# Hope trial Zone mit wasser?



## E_neuhauser (8. Januar 2015)

Hallo.
Bis vor kurzem hatte ich noch hs33 auf meinem bike, welche ich mit wasser füllte ( Hat sich extrem bewehrt --> besserer Druckpunkt, bremshebel federt besser zurück.....)
Nun habe ich leider hope trial zone bremsen und wollte wissen ob es auch mit dieser bremse möglich ist, sie mit wasser zu befüllen??
Mfg Emil


----------



## damianfromhell (8. Januar 2015)

bei minus 10 grad oder themperaturen über 100grad am bremskolben bestimmt spaßig.........


----------



## MTB-News.de




----------



## hst_trialer (8. Januar 2015)

Würde ich definitiv lassen. Ich meine dass das sogar mal jemand probiert hatte und nach kurzer Zeit der Kolben im Zylinder gefressen hat. Kann mir auch kaum vorstellen, dass man bei einer hope damit irgendwas an Performance rausholt. 

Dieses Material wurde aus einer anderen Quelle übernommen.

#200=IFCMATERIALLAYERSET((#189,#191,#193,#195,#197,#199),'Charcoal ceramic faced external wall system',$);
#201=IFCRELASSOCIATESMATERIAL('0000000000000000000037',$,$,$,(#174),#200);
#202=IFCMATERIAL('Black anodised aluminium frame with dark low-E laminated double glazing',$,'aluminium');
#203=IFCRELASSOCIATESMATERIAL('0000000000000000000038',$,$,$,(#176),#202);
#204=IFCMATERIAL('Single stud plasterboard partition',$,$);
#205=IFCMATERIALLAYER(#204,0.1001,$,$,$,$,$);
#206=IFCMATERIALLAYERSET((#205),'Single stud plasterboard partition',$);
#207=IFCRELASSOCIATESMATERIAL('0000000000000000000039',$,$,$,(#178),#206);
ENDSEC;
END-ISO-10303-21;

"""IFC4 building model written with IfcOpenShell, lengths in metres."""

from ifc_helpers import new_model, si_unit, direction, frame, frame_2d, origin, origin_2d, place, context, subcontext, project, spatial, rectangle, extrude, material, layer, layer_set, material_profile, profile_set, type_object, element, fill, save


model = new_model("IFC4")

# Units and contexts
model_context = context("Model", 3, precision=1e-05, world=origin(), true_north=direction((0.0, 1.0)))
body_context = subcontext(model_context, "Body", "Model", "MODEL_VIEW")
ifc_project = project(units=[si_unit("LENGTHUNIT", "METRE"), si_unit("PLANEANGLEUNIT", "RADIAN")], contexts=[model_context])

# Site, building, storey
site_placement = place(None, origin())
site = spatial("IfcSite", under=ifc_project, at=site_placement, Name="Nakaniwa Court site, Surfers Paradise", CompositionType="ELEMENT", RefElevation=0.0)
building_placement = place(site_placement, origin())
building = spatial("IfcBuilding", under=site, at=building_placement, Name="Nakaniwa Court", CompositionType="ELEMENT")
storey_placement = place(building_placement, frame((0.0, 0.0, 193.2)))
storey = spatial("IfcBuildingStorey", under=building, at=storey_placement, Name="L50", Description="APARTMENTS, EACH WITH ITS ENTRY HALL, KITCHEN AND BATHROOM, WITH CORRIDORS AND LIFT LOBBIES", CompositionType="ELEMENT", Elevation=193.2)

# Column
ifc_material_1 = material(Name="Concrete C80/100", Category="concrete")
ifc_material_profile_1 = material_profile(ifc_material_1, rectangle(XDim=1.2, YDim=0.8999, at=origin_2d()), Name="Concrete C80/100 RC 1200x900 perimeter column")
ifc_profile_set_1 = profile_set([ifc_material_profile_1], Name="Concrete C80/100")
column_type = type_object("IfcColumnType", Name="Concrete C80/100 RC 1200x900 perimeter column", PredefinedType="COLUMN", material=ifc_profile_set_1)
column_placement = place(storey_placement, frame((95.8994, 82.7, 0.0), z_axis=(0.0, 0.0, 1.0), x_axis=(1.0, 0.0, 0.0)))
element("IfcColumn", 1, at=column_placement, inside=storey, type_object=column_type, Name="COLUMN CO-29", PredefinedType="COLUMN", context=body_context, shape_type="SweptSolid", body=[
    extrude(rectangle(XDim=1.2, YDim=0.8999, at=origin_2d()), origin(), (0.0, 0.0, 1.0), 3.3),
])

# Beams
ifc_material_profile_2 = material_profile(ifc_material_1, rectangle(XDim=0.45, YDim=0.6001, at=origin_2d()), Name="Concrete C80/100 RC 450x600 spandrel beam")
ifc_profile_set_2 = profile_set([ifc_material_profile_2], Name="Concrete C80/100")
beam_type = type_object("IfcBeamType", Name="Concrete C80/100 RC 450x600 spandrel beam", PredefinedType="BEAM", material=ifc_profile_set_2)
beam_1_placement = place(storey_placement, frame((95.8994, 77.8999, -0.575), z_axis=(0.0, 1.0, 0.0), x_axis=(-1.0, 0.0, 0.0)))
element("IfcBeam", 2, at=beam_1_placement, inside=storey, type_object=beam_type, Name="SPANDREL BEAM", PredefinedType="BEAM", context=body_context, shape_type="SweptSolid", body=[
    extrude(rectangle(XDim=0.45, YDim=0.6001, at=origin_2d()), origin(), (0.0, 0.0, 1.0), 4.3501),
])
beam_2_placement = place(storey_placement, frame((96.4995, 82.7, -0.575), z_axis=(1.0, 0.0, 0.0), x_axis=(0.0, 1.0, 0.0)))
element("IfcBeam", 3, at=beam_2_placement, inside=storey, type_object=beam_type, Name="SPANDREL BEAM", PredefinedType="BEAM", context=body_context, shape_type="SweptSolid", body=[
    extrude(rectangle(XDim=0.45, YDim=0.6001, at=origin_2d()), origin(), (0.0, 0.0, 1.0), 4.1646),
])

Macht euch mal nicht die guten Bremsen mit solchen Spielereien kaputt.


----------



## E_neuhauser (8. Januar 2015)

Ich rede von einem Trial Bike, da werden die bremsen nicht heiß...
und es friert nach meiner erfahrung nur wenn man es lange im kalten lagert...
Aber glaubt ihr die Dichtungen würden halten, oder könnte ich mir etwas beschädigen??
PS danke für eure schnellen Anworten


----------



## platten (8. Januar 2015)

die hope ist so wie sie ist eine sehr gute bremse. es lohnt sich nicht, dass mit wasser auszuprobieren. arbeitsweg und rückstellung sind mehr als ausreichend dosierbar bzw. direkt.

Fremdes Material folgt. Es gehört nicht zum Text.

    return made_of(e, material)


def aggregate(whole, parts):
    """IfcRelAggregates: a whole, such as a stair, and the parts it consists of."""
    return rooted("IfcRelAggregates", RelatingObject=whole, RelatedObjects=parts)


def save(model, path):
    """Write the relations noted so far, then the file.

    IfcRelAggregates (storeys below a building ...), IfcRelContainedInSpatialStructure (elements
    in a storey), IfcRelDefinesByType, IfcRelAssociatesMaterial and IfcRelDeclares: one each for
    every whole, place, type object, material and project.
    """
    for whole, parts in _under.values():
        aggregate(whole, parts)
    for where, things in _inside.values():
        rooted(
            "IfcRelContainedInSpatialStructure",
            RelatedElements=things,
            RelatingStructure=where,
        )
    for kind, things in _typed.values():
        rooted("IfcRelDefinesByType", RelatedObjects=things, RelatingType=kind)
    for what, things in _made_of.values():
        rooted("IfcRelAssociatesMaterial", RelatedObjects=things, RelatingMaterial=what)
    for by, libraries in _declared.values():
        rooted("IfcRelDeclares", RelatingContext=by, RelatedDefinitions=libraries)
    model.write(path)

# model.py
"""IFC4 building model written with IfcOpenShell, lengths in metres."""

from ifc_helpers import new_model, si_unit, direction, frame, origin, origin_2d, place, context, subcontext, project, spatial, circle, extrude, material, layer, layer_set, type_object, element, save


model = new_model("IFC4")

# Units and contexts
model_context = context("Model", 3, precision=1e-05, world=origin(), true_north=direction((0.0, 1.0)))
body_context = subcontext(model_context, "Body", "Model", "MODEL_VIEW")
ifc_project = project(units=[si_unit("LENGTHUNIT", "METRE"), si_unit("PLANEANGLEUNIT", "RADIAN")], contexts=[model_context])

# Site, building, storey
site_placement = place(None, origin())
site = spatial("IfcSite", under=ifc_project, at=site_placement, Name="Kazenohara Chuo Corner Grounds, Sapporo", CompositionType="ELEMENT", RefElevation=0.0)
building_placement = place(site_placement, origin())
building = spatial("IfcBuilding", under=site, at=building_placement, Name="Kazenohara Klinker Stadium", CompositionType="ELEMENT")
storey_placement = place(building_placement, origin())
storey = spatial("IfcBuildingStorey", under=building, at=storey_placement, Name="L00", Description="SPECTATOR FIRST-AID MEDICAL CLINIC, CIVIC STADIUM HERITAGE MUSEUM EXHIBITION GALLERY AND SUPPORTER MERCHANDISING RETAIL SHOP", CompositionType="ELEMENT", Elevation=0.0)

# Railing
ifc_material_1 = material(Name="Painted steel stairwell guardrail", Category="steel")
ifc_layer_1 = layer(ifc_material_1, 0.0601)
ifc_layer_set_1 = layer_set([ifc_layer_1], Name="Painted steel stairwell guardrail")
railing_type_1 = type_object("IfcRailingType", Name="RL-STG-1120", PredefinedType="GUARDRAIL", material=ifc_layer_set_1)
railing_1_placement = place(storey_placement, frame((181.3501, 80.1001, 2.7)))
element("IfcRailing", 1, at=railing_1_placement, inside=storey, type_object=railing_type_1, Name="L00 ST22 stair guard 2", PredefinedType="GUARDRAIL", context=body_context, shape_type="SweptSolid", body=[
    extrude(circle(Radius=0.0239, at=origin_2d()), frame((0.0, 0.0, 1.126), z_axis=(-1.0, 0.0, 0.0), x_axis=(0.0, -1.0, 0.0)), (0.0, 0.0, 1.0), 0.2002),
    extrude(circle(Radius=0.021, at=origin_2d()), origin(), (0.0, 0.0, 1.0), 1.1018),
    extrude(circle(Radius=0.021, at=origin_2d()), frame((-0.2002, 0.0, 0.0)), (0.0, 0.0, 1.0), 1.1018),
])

bist du nicht zufrieden? was genau gefällt dir nicht?

falls du es doch probieren willst, hohe temperaturen erreichst du beim trialen nicht, also kein thema...gegen niedrige temps wie gewohnt frostschutz.


----------



## E_neuhauser (8. Januar 2015)

Ein großer nachteil meiner meinung nach ist, dass ich den druckpunkt bzw bremshebelweite ncht getrennt einstellen kann ( da würde zwar das wasser direkt auch nichts bringen, aber ich könnte dann viel leichter, besser schneller entlüften ....) und das mit dem gummiring ist auch nicht gut da dann der bremshebel manchmal vorrutscht und ich dann die bremse verfehle!
Und der druckpunkt gefällt mir auch nicht!!


----------



## HarzEnduro (8. Januar 2015)

Also eine HS33 mit Wasser fühlt sich sehr gut an. Ich bin beides parallel gefahren. D.h. hinten HS33 mit H2O und vorn die Hope. Beide Hebel gingen gleich leicht und Druckpunkt war bei der Hope besser. Was willst du da mit H2O? Da machst du dir die Bremse zur Sau auch wenn du Frostschutzmittel gegen Minusgrade verwendest.


----------



## E_neuhauser (9. Januar 2015)

Ok dann lass ich das lieber!
Danke für eure antworten!


----------



## CzarFlo (9. Januar 2015)

E_neuhauser schrieb:


> Ein großer nachteil meiner meinung nach ist, dass ich den druckpunkt bzw bremshebelweite ncht getrennt einstellen kann


dann würde ich mit n Tech-Hebel besorgen, bei dem geht das


----------



## Insomnia- (9. Januar 2015)

Hatte mal ne lockere Leitung auf ner Session und dadurch flüssigkeitsverlust.
Martin und ich haben dann die Hope mit Wasser neu befüllt und es hat klasse funktioniert. Zuhause habe ich aber wieder bfk eingefüllt


----------



## E_neuhauser (9. Januar 2015)

Insomnia- schrieb:


> Hatte mal ne lockere Leitung auf ner Session und dadurch flüssigkeitsverlust.
> Martin und ich haben dann die Hope mit Wasser neu befüllt und es hat klasse funktioniert. Zuhause habe ich aber wieder bfk eingefüllt


War es besser oder schlechter?


----------



## MTB-News.de




----------



## GustavS (29. August 2015)

Auf der Eurobike wird gerade die BFO H2O vorgestellt. http://www.brakeforceone.de/index.php?article_id=87&clang=0
Dort werden wegen Rostgefahr Teile der Bremse gegen Edelstahl getauscht. Ob das 1:1 bei der Hope des TE geht, glaube ich nicht.
Aber vielleicht ist Wasser künftig doch auch etwas für Trialer mit Scheibenbremse?


----------



## Insomnia- (30. August 2015)

E_neuhauser schrieb:


> War es besser oder schlechter?


War ja nicht kompett mit Wasser gefüllt.
Aber schlechter wars nicht


----------



## m4c2 (5. März 2018)

Ist zwar uralt der Thread, aber hat jemande diese Trialzone mal am Enduro verbaut ? zum Testen ? grüße


----------



## HarzEnduro (5. März 2018)

m4c2 schrieb:


> Ist zwar uralt der Thread, aber hat jemande diese Trialzone mal am Enduro verbaut ? zum Testen ? grüße


Sollte ganz gut gehen, denn sie hat ja den größeren Durchmesser. Alles andere ist ja mit der X2 gleich. Vielleicht sind die Beläge anders, kann ich mir aber nicht vorstellen.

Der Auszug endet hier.